I have read that a Residente Temporal visa holder will not be able to use TIPs anymore. First from a meeting someone posted about in Mazatlan or was it Puerto Vallarta with INM officials and ADUANA officials about 6 or 7 weeks ago and a few personal posts on a couple of other sites I read where some posters were told the same by ADUANA officials in various locations. Alan


----------



## circle110 (Jul 20, 2009)

The site that Lopo refers to states that Aduana DF is making the various local Aduana offices unify their policy to allow "residente temporal" holders to renew their TIP to coordinate with their visa expiration date, just like the old days. It also gives the phone number of the woman who is the director of Aduana car policy in el DF. She says that you can call her if you are having trouble renewing your TIP at a specific location and she will set them straight on the national policy.

Very helpful information, thanks Lopo.


----------



## Vallartense (Apr 1, 2013)

All very helpful and encouraging information. I will enlist the translation help of a Mexican friend this week and visit Aduana and confront them with the info from Aduana DF to gauge their reaction. I'll provide my friend and the local Aduana person with the phone number provided if they baulk at renewal. I'll let you all know the outcome.


----------



## RVGRINGO (May 16, 2007)

It might be better for you to call DF and let them advise your PV Aduana office. To confront them yourself might result in other problems; lost paperwork, visa irregularities, etc.


----------



## telcoman (Feb 11, 2010)

RVGRINGO said:


> Without the Retorno Seguro, your car is subject to confiscation, not just impoundment, so do not drive it until you are in posession of that document and headed north.
> I believe that you must also return to the USA to apply for another Residente Temporal visa, but could go to Residente Permanente, with a 4 on your current visa, while still in Mexico.
> I also believe that Residente Temporal will allow you to continue to keep a foreign plated vehicle; however, if your importada temporal is expired, you have created a Catch-22 situation and must remove the vehicle and start over again.
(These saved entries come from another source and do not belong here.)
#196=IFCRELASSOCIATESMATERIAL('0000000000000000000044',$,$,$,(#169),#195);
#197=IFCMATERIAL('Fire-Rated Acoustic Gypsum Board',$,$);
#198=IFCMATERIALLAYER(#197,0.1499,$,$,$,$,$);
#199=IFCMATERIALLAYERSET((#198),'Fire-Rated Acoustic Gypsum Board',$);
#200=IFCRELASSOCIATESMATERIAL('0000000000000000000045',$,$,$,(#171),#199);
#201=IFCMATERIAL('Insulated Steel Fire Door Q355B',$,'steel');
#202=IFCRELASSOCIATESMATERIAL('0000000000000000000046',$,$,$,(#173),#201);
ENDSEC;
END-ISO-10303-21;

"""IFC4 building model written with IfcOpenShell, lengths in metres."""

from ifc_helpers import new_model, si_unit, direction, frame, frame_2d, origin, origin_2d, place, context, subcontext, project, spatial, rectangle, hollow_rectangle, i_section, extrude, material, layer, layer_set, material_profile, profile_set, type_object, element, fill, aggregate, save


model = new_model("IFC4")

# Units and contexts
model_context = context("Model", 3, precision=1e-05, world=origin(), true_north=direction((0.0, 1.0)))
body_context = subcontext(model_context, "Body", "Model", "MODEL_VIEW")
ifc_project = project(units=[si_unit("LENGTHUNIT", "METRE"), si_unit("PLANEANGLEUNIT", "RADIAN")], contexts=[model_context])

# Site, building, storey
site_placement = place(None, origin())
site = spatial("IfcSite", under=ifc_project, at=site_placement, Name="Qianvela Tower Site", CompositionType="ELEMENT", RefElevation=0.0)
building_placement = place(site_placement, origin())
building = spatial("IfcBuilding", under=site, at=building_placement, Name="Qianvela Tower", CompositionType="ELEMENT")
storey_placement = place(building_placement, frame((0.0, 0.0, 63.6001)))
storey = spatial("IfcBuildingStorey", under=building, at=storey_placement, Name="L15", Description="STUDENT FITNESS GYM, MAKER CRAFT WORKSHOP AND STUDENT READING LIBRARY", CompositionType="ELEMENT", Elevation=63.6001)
That brings up an interesting point. There was a guy in Melaque whose truck broke down last year. It could not be repaired so he left it. He bought a new truck (under wife's name) and drove it down this year. He is now towing the broke down truck back across the border (no permit). Obviously he forfeits the deposit, but I am wondering if he can legally tow this truck without a temp permit. It will be interesting to see how he makes out.


----------



## Vallartense (Apr 1, 2013)

On 11 April 2013 I made an appointment with the local SAT office in Vallarta to discuss my situation. Today, 23 April 2013 the appointment day arrived. I took along my dual language friend to help, which was more than necessary! After stating my case and providing all of my documents I was told my vehicle was presently illegal and could not be made legal except be returning it to the border. Even then, he could not guarantee the car could be re-imported at temporary, but he did say I had provided good documentation for my case that it should be. He provided me with an Safe Return application and provided me with instructions for where to return it for processing. He said it would take from 3 to 5 working days to obtain the formal Safe Return document which, when picked up would begin my 5 days to remove the vehicle from Mexico. 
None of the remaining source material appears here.